The measurement error could be calculated from a mathematical expression of an ideal power measurement, P_Li, minus the power measured by the developed technique across the load, P_Lm in Equation (9). In this study, the ideal power measurement excluded the probe resistance, i.e., R_prb was set to infinity. When using the parameter according to Table 2 would get the plot as shown in Figure 5.

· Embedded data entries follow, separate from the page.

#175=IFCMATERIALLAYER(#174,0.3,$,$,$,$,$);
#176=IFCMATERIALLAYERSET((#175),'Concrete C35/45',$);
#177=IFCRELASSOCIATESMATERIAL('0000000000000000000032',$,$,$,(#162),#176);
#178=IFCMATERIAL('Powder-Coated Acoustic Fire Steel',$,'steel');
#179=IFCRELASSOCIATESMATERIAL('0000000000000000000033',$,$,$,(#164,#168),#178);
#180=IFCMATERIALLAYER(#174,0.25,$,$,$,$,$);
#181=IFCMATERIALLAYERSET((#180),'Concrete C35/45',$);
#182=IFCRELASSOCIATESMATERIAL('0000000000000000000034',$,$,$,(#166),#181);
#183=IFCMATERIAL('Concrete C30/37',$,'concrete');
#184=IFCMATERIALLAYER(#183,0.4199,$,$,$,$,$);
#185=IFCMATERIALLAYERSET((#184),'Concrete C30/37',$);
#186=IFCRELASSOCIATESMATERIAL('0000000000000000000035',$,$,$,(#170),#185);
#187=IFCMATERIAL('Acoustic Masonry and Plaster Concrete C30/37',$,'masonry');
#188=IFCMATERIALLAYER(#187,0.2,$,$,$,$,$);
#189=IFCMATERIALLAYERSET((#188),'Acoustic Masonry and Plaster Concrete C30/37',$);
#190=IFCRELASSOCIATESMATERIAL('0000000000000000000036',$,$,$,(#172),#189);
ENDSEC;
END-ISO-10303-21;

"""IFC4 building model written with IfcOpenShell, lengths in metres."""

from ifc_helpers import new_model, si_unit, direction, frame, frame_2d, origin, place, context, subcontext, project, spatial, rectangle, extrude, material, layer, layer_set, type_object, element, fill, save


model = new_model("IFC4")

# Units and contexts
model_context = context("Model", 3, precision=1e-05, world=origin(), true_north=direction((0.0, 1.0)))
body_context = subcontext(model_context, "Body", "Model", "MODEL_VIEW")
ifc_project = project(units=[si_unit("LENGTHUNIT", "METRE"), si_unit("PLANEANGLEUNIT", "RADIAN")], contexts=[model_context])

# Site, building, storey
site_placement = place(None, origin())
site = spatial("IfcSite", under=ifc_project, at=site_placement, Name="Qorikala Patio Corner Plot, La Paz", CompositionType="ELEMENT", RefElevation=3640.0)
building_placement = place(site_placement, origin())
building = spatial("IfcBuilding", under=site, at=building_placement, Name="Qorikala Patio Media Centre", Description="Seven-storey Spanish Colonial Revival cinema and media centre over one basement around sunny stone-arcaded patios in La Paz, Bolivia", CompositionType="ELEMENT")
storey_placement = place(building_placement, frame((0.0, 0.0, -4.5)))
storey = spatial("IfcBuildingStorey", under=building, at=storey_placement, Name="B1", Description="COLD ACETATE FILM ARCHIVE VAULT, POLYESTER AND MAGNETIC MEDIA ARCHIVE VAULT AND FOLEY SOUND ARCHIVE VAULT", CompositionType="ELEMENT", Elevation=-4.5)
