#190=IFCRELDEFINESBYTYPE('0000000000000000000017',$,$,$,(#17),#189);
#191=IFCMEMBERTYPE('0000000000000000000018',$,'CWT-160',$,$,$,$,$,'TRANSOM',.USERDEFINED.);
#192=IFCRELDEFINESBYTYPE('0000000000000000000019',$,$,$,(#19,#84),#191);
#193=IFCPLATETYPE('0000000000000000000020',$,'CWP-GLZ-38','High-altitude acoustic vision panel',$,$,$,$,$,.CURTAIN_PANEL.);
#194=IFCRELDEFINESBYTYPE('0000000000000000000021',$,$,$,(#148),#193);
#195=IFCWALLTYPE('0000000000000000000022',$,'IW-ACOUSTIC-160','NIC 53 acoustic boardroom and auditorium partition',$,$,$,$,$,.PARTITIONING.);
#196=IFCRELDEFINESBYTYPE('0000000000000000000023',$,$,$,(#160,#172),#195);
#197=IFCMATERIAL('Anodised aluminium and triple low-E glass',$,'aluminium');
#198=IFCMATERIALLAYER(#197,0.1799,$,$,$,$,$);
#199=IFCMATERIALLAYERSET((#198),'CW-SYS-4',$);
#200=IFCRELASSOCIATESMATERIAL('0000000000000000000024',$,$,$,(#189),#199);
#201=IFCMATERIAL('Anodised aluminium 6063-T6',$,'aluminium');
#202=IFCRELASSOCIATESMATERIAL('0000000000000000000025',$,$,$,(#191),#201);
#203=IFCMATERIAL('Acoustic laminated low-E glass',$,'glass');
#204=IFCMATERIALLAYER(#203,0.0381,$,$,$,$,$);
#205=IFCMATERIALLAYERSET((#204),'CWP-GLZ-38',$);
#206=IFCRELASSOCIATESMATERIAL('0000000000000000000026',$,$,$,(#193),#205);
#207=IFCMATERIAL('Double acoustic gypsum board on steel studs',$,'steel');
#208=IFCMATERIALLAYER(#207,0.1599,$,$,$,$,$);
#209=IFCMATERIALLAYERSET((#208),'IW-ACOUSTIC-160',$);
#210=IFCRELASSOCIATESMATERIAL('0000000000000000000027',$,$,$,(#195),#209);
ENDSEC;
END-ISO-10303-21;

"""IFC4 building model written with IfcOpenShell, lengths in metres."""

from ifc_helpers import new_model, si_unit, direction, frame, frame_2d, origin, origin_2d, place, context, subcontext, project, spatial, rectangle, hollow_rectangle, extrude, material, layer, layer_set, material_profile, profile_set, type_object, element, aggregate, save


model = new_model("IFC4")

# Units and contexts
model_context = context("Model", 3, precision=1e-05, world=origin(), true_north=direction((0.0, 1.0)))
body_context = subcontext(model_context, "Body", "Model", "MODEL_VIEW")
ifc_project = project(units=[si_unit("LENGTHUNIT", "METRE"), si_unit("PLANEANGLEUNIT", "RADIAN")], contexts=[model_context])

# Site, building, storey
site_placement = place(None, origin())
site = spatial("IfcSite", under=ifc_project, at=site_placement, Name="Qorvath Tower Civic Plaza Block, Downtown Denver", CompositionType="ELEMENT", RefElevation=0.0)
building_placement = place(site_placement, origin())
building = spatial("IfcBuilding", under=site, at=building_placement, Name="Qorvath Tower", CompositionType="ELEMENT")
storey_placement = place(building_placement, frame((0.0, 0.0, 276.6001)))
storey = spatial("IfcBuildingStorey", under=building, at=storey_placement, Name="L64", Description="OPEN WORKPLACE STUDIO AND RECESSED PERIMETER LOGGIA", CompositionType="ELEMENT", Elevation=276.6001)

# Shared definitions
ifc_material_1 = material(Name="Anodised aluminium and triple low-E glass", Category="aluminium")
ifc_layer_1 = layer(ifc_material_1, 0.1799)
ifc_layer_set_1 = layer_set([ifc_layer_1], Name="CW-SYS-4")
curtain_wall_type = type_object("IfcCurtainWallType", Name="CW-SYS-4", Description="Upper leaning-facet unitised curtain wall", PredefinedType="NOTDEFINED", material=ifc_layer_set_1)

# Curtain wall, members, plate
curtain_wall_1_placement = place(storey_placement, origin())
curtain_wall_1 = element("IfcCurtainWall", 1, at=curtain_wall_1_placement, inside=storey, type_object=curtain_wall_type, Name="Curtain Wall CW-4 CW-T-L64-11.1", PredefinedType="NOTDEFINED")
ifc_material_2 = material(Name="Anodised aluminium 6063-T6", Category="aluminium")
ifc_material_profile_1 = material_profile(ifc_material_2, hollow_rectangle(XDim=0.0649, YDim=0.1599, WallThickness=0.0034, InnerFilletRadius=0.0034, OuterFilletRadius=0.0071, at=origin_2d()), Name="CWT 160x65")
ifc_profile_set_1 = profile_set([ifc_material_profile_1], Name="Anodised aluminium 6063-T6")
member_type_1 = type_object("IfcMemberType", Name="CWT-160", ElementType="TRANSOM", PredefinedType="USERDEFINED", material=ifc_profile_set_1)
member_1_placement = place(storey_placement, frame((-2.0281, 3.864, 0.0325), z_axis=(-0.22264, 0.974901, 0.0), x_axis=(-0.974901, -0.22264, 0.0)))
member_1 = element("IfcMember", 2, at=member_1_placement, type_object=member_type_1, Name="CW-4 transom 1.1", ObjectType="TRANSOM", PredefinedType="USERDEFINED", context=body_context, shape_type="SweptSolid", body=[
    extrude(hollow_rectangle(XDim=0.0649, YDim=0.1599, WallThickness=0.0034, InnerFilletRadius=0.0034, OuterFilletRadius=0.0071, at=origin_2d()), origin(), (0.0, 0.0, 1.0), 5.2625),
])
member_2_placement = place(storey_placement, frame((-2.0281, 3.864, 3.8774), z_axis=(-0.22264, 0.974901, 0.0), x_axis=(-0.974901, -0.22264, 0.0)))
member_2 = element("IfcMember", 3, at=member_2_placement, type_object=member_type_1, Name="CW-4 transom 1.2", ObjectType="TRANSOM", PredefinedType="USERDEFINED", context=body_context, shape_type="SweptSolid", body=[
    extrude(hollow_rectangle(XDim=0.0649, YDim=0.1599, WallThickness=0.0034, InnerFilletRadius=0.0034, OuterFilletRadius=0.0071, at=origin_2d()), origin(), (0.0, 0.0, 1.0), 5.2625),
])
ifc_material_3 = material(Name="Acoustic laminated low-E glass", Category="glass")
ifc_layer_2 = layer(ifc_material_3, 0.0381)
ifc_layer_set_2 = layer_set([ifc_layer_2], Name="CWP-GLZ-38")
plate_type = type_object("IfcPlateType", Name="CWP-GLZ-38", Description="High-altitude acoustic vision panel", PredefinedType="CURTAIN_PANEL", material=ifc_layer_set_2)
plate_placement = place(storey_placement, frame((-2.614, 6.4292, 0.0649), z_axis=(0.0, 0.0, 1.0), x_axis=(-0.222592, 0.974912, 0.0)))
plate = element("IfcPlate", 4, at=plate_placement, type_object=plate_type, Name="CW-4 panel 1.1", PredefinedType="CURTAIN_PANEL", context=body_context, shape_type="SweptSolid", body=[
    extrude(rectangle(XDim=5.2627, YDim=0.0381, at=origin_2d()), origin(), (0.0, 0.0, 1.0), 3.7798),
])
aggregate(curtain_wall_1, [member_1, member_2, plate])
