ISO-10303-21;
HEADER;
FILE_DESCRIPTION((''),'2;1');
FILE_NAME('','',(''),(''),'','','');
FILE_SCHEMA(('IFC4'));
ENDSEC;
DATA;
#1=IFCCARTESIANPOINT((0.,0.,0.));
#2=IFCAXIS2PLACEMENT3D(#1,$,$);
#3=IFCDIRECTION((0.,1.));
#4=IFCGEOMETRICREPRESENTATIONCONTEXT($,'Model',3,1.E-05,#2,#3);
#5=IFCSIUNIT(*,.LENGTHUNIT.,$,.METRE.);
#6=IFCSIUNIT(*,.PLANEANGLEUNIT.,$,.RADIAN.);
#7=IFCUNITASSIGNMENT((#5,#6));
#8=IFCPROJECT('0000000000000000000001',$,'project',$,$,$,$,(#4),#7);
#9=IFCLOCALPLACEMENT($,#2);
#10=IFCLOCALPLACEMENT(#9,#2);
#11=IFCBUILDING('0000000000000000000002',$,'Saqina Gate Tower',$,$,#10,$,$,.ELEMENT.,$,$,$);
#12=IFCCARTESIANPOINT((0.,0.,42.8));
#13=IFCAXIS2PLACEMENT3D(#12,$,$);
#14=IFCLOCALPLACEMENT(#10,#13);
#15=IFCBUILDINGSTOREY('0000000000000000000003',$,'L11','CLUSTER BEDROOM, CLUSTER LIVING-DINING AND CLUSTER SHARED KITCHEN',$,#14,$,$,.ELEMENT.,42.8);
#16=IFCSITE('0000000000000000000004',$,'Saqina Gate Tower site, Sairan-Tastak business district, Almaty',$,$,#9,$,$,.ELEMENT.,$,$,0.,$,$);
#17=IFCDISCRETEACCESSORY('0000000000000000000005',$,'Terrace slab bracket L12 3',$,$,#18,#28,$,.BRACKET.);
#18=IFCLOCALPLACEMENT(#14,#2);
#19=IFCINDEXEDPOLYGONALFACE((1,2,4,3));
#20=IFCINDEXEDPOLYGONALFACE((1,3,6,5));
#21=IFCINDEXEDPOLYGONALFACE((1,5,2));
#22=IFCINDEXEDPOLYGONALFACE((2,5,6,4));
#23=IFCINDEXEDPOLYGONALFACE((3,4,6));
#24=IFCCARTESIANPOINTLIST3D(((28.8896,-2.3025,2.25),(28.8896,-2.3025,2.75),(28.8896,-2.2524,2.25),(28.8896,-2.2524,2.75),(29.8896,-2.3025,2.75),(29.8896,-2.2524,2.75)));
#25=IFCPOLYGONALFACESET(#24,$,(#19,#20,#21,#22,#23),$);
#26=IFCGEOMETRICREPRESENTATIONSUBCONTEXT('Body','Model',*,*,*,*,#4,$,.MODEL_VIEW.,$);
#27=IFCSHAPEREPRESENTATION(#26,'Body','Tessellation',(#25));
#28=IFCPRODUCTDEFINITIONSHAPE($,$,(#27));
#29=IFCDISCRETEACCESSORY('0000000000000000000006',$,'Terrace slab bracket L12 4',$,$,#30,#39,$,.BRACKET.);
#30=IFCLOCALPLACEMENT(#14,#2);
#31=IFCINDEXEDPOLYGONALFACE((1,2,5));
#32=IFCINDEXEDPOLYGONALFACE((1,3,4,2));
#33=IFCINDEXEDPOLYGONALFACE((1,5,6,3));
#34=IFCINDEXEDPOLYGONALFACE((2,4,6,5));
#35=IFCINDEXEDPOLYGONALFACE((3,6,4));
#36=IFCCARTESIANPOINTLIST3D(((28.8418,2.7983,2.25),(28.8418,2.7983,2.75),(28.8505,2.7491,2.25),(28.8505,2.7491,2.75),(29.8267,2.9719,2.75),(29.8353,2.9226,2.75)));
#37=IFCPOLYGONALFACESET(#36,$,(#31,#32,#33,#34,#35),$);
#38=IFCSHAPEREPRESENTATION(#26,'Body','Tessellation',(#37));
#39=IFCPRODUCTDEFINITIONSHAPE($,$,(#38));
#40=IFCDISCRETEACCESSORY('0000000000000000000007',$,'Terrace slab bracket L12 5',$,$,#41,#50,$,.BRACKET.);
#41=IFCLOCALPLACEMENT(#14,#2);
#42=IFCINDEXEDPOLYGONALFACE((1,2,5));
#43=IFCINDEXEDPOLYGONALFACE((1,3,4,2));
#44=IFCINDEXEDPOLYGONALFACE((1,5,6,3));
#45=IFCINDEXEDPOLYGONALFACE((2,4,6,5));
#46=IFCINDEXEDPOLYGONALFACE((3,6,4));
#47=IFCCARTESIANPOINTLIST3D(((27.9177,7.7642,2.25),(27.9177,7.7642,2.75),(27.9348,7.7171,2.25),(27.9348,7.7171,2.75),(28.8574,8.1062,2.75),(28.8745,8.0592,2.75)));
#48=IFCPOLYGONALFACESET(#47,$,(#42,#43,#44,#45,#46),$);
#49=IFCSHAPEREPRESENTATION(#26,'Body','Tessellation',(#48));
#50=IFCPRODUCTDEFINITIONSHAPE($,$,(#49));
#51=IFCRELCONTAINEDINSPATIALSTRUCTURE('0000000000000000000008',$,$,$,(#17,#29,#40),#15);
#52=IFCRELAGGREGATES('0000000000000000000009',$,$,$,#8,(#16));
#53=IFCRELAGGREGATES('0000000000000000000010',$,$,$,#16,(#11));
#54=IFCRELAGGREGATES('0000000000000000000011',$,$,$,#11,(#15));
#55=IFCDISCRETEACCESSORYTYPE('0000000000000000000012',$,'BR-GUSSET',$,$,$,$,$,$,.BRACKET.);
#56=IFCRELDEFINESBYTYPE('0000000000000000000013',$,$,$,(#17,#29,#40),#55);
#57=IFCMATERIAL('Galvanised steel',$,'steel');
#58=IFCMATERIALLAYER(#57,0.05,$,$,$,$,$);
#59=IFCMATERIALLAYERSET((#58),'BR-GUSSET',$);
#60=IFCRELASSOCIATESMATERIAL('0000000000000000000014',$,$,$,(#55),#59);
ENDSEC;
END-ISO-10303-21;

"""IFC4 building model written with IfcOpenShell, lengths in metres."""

from ifc_helpers import new_model, si_unit, direction, frame, origin, place, context, subcontext, project, spatial, polyline, outline, extrude, material, layer, layer_set, type_object, element, save


model = new_model("IFC4")

# Units and contexts
model_context = context("Model", 3, precision=1e-05, world=origin(), true_north=direction((0.0, 1.0)))
body_context = subcontext(model_context, "Body", "Model", "MODEL_VIEW")
ifc_project = project(units=[si_unit("LENGTHUNIT", "METRE"), si_unit("PLANEANGLEUNIT", "RADIAN")], contexts=[model_context])

# Site, building, storey
site_placement = place(None, origin())
site = spatial("IfcSite", under=ifc_project, at=site_placement, Name="Saqina Gate Tower site, Sairan-Tastak business district, Almaty", CompositionType="ELEMENT", RefElevation=0.0)
building_placement = place(site_placement, origin())
building = spatial("IfcBuilding", under=site, at=building_placement, Name="Saqina Gate Tower", CompositionType="ELEMENT")
storey_placement = place(building_placement, frame((0.0, 0.0, 42.8)))
storey = spatial("IfcBuildingStorey", under=building, at=storey_placement, Name="L11", Description="CLUSTER BEDROOM, CLUSTER LIVING-DINING AND CLUSTER SHARED KITCHEN", CompositionType="ELEMENT", Elevation=42.8)

# Discrete accessories
ifc_material_1 = material(Name="Galvanised steel", Category="steel")
ifc_layer_1 = layer(ifc_material_1, 0.05)
ifc_layer_set_1 = layer_set([ifc_layer_1], Name="BR-GUSSET")
discrete_accessory_type = type_object("IfcDiscreteAccessoryType", Name="BR-GUSSET", PredefinedType="BRACKET", material=ifc_layer_set_1)
discrete_accessory_1_placement = place(storey_placement, frame((28.8896, -2.2524, 2.25), z_axis=(0.0, 1.0, 0.0), x_axis=(0.0, 0.0, 1.0)))
element("IfcDiscreteAccessory", 1, at=discrete_accessory_1_placement, inside=storey, type_object=discrete_accessory_type, Name="Terrace slab bracket L12 3", PredefinedType="BRACKET", context=body_context, shape_type="SweptSolid", body=[
    extrude(outline(polyline([(0.0, 0.0), (0.5, 0.0), (0.5, 1.0), (0.0, 0.0)])), origin(), (0.0, 0.0, -1.0), 0.05),
])
discrete_accessory_2_placement = place(storey_placement, frame((28.8418, 2.7983, 2.25), z_axis=(-0.173576, 0.98482, 0.0), x_axis=(0.0, 0.0, 1.0)))
element("IfcDiscreteAccessory", 2, at=discrete_accessory_2_placement, inside=storey, type_object=discrete_accessory_type, Name="Terrace slab bracket L12 4", PredefinedType="BRACKET", context=body_context, shape_type="SweptSolid", body=[
    extrude(outline(polyline([(0.0, 0.0), (0.5, 0.0), (0.5, 1.0), (0.0, 0.0)])), origin(), (0.0, 0.0, -1.0), 0.05),
])
discrete_accessory_3_placement = place(storey_placement, frame((27.9177, 7.7642, 2.25), z_axis=(-0.342037, 0.939686, 0.0), x_axis=(0.0, 0.0, 1.0)))
element("IfcDiscreteAccessory", 3, at=discrete_accessory_3_placement, inside=storey, type_object=discrete_accessory_type, Name="Terrace slab bracket L12 5", PredefinedType="BRACKET", context=body_context, shape_type="SweptSolid", body=[
    extrude(outline(polyline([(0.0, 0.0), (0.5, 0.0), (0.5, 1.0), (0.0, 0.0)])), origin(), (0.0, 0.0, -1.0), 0.05),
])

save(model, "model.ifc")
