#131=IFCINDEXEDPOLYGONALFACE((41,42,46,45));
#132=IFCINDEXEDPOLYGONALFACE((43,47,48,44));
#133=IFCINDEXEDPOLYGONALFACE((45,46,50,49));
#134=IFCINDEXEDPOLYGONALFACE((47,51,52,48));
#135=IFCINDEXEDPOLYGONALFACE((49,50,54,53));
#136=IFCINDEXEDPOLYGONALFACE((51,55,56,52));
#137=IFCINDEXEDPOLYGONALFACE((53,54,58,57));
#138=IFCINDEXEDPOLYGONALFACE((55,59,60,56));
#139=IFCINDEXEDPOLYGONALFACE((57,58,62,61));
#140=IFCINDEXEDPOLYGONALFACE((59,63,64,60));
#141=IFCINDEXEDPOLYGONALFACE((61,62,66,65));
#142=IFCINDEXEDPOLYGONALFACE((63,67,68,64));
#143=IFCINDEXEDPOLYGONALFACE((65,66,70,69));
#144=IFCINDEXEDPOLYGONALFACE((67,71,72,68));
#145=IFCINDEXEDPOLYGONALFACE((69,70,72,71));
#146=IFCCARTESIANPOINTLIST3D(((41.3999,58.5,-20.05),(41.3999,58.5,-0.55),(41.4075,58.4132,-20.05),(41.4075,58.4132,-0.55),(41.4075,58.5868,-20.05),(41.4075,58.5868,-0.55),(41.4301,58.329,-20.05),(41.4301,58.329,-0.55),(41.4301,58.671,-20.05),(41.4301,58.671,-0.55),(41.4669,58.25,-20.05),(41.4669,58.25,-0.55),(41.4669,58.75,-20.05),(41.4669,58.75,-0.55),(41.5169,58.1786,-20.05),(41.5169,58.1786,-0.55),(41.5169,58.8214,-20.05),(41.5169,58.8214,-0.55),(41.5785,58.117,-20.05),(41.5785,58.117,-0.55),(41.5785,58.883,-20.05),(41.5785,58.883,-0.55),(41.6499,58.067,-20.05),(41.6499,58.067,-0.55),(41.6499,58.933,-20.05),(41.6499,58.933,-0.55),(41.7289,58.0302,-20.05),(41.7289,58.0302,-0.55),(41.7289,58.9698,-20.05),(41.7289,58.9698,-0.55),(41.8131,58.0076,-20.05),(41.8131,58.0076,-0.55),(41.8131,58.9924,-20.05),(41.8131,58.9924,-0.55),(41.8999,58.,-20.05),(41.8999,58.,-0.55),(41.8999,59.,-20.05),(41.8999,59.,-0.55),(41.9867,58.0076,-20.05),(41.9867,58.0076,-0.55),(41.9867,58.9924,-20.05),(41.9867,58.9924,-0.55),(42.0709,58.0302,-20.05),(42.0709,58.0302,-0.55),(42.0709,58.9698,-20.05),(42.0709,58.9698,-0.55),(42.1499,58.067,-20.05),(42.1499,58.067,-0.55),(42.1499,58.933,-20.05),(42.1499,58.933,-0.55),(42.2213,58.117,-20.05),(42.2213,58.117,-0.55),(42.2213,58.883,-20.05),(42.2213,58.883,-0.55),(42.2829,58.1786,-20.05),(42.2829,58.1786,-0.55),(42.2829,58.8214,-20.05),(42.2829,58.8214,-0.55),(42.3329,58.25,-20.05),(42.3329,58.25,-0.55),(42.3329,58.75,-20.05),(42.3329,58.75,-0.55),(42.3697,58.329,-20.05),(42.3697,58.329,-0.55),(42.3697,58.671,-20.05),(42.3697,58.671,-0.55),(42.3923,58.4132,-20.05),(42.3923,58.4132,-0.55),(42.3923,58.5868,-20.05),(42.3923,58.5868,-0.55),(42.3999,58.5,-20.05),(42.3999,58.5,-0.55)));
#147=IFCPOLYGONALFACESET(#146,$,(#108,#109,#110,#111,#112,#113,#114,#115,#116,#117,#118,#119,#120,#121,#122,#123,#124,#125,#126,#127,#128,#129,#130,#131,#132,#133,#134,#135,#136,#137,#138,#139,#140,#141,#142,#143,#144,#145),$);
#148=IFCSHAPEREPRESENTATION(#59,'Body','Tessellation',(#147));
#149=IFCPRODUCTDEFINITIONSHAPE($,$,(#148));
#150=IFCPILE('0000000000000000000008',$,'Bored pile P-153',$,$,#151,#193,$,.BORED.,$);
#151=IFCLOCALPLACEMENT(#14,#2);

$$\%error=\left|\frac{P_{Li}-P_{Lm}}{P_{Li}}\right|\times 100\%$$

(9)

$$\%error=\left|1-\frac{R_{Lvr}+R_{Ldiv}}{R_{Lvr}+(R_{Ldiv}//R_{prb})}\right|\times 100\%$$

(10)

4. Results and Discussion

This section mainly discusses the main results of the experiment detailed in the previous section. The experimental results demonstrate that the developed technique was more accurate, i.e., with smaller error, in determining the TEH output power than the conventional technique, as illustrated in Figure 6 (exact numerical values of all parameters are tabulated in

Table 3. Theoretical and measured maximum power and load resistance at maximum power.

Item	Theoretical	Measured	Percentage Error
Maximum power transfer	103.36 µW	105.74 µW	2.30
Resistance at maximum power	8.108 MΩ	8.90 MΩ	9.77

). Moreover, it can be seen clearly in Figure 6b that the curve of measured power versus load resistance from this proposed technique approaches closer to ideal measurement curve than the curve of power measured by the conventional technique. Therefore, we concluded that the experimental results successfully verified that the developed technique was better suited for measuring output power of any high impedance energy harvester than the conventional technique.

Finally, from our preliminary investigation into finding a proper ratio between the voltage-divider resistor R_Ldiv to the probe resistance R_prb for the developed technique, we obtained 1:10 as a good value for the technique. Although a lower ratio may reduce the current flowing through the probe, it will also reduce the voltage across the resistor divider in the configuration of our technique, hence the inherent noise of the oscilloscope will limit its usefulness, i.e., it makes the technique less sensitive. Therefore, we suggest new researchers to use the proposed technique instead of the conventional technique for measuring output power of high impedance energy harvester in their study as well as selecting a good ratio between the voltage-divider resistor R_Ldiv to the probe resistance R_prb by starting with an initial ratio of 1:10 for such resistors. A lower ratio may or may not provide more accurate readings. The new researchers should check whether a lower ratio may give more accurate and stable readings, but this initial ratio was satisfactory for our technique and setup.

5. Conclusions

This study was an experimental study to verify the low percentage measurement error offered by a proposed technique for measuring power generated by high impedance triboelectric generator. The technique was to measure the voltage across an introduced, parallelly-connected resistor divider to the oscilloscope instead of the voltage across the TEH devices. The experimental results confirm that the proposed technique truly provides more accurate power determination than the conventional technique. The 1:10 voltage-divider resistor R_Ldiv to the probe resistance R_prb ratio is the proper value for the practical measurement. However, it should be noted that higher resistances are more sensitive to noise. Findings from this work may directly benefit new developers in the field of triboelectric generator in their effort to accurately measure the electrical characteristics of their TEH devices.